KunstDerFuge commented 3 years ago

Brilliant! Yes, this is working! Thanks for your patience and insight; there's a chance maybe we'll get this issue closed out by end of (my) day.

ctrlcctrlv commented 3 years ago

Good news—I'm glad my advice is helpful, at least, even if I don't have the time/energy to do it with/for you :+1:

KunstDerFuge commented 3 years ago

Of course, I couldn't have done it without you! Update: Selenium scraper is much slower, but going slow and steady. Exceptions here are because the newest archived version was after 8chan's shutdown, so will need to go back through and manually re-scrape some of these. Will let this run overnight, then just gotta write one more parser, and this should be all good to go.

image

KunstDerFuge commented 3 years ago

'Nother update. I ran into some delays. Archive.is is very difficult to scrape, but is is possible with Selenium. It seems like for unknown reasons, the site will sometimes redirect you to a Captcha challenge after every 15-20 requests, which can be bypassed by starting a new session, or sometimes it will require you to do a Captcha before any additional requests can be made (which happened to one of the servers I tried it on). This happens even if requests are spaced apart by more than 15 seconds.

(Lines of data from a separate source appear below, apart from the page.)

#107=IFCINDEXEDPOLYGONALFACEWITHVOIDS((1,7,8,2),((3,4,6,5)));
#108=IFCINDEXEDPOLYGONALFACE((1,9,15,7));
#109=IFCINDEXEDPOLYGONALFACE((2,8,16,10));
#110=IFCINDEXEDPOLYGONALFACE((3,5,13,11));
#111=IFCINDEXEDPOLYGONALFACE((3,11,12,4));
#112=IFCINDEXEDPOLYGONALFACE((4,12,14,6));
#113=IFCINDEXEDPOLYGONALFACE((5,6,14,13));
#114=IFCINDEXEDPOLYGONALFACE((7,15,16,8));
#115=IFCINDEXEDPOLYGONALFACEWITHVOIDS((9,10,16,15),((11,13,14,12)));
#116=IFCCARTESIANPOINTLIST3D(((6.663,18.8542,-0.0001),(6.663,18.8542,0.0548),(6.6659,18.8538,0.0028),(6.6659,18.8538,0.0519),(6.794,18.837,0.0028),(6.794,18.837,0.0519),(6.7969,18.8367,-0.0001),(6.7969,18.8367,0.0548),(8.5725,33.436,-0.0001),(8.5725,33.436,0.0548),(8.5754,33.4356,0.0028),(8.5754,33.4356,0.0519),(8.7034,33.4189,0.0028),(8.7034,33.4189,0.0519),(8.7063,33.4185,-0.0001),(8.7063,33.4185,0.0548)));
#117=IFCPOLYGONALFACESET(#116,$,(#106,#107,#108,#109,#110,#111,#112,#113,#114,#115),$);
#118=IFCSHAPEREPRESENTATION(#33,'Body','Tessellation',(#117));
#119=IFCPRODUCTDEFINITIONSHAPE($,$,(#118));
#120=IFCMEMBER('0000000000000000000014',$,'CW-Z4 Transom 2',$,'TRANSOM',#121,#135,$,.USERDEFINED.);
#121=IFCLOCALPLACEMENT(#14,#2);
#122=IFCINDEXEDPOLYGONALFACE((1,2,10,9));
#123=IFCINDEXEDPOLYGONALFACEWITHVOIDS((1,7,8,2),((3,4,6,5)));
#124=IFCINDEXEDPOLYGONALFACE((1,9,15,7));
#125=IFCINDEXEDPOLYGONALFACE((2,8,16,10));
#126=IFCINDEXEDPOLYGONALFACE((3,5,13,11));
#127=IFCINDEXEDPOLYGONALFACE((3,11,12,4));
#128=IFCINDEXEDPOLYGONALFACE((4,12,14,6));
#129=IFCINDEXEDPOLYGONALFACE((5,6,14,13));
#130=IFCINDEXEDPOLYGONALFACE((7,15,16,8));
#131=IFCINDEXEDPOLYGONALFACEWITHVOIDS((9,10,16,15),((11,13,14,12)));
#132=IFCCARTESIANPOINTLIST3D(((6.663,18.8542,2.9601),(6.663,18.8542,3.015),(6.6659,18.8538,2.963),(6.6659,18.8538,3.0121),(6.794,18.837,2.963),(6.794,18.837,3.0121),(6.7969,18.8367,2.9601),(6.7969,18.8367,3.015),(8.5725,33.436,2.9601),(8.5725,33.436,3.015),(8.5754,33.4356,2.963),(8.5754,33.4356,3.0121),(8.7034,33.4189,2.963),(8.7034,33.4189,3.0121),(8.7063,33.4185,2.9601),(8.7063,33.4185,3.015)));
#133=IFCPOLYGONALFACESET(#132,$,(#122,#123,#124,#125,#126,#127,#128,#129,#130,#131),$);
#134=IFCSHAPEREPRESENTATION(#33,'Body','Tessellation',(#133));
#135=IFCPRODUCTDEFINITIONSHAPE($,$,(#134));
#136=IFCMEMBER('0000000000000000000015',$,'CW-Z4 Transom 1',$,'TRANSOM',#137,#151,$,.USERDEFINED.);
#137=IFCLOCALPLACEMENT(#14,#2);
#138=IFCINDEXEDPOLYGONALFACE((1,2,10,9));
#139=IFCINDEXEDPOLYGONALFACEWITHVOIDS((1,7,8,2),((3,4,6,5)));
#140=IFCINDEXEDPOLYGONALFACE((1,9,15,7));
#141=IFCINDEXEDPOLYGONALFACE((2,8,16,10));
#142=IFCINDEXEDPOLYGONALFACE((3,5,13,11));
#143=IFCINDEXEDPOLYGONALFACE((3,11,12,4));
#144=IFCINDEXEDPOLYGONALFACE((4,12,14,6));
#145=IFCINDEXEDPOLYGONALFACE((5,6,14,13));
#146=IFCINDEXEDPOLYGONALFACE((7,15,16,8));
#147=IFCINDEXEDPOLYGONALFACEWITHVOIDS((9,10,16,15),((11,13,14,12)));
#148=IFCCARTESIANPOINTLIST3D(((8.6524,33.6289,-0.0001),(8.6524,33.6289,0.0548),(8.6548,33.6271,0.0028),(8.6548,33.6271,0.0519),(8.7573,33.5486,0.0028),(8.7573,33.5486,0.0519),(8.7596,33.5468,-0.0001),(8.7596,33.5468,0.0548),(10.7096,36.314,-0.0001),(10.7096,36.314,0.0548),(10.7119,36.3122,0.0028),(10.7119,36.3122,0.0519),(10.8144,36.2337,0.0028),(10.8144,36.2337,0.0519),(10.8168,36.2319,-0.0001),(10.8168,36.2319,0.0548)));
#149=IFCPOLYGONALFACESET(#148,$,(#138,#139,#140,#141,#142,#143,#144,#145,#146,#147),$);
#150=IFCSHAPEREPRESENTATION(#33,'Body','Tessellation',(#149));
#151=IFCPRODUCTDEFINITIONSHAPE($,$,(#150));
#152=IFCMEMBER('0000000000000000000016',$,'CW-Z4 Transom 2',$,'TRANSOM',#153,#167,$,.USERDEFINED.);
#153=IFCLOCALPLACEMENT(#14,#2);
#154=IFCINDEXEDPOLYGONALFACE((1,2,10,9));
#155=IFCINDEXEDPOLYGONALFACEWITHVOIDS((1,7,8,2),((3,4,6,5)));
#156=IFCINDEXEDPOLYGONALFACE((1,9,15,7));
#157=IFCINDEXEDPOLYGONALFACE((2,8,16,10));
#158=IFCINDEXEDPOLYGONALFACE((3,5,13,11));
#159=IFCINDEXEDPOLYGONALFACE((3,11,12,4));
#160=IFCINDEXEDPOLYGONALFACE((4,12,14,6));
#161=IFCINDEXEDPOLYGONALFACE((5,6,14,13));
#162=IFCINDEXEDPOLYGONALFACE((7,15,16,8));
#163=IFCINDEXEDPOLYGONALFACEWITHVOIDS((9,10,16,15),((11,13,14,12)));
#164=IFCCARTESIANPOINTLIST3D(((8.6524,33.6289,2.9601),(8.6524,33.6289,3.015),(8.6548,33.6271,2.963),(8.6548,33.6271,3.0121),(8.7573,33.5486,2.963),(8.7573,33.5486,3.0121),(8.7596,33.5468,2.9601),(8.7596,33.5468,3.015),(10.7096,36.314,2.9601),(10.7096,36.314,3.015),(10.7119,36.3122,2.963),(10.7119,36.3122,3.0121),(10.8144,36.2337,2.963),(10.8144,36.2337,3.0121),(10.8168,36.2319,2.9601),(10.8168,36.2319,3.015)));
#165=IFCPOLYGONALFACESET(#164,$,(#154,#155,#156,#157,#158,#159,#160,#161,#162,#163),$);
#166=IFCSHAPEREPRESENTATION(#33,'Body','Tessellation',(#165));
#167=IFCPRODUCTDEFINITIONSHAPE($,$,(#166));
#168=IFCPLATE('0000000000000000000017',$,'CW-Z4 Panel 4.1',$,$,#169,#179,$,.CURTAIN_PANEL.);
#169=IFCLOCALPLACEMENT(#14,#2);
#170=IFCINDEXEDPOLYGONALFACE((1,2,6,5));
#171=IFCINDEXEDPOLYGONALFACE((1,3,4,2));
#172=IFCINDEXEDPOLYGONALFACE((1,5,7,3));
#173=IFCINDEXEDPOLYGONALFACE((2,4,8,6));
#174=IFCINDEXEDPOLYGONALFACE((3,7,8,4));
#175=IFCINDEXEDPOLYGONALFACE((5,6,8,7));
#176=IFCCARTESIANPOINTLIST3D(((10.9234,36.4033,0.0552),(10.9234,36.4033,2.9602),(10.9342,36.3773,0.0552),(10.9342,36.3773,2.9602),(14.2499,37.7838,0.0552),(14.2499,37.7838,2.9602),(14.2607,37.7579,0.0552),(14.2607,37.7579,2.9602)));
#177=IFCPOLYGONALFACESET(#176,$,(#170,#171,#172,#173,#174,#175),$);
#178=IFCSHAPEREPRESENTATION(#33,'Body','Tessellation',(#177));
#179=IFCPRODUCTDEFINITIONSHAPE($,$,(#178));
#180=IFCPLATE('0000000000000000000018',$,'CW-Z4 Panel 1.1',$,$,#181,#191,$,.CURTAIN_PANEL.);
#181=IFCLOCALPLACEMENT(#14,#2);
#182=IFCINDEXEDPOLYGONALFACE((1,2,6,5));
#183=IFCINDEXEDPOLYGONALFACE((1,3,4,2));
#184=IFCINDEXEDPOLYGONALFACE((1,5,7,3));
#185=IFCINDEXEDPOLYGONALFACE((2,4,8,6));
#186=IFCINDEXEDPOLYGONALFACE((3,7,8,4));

I've made a script that handles restarting the session if given a Captcha redirect, and which inserts random pauses in between requests. This can be modified somewhat easily to split the job across servers if needed. Hopefully my next update here will be that this is all done, but running it on one machine, I estimate it will take something like 11 hours to complete.

Edit: OOOH! Hot tip from @QOrigins. If you request an 8chan /qresearch/ thread on 8kun, it works. This means that the bulk of the 8chan scraping can still use the much faster 8kun spider, which runs in 10-15 threads with no problem.

2nd Edit: Added 8chan_qresearch.csv. This represents >90% of all Q threads on 8chan, and I am pretty exhausted of all this scraping, so this will be it for right now. I do have the other boards scraped from archive.is, but will need to write another parser to get them into a usable format.

KunstDerFuge commented 2 years ago

Closing because the issue is solved by the related project spawned by this issue, KunstDerFuge/dChan, where all anon posts on Q threads and many more are now archived thanks to work here!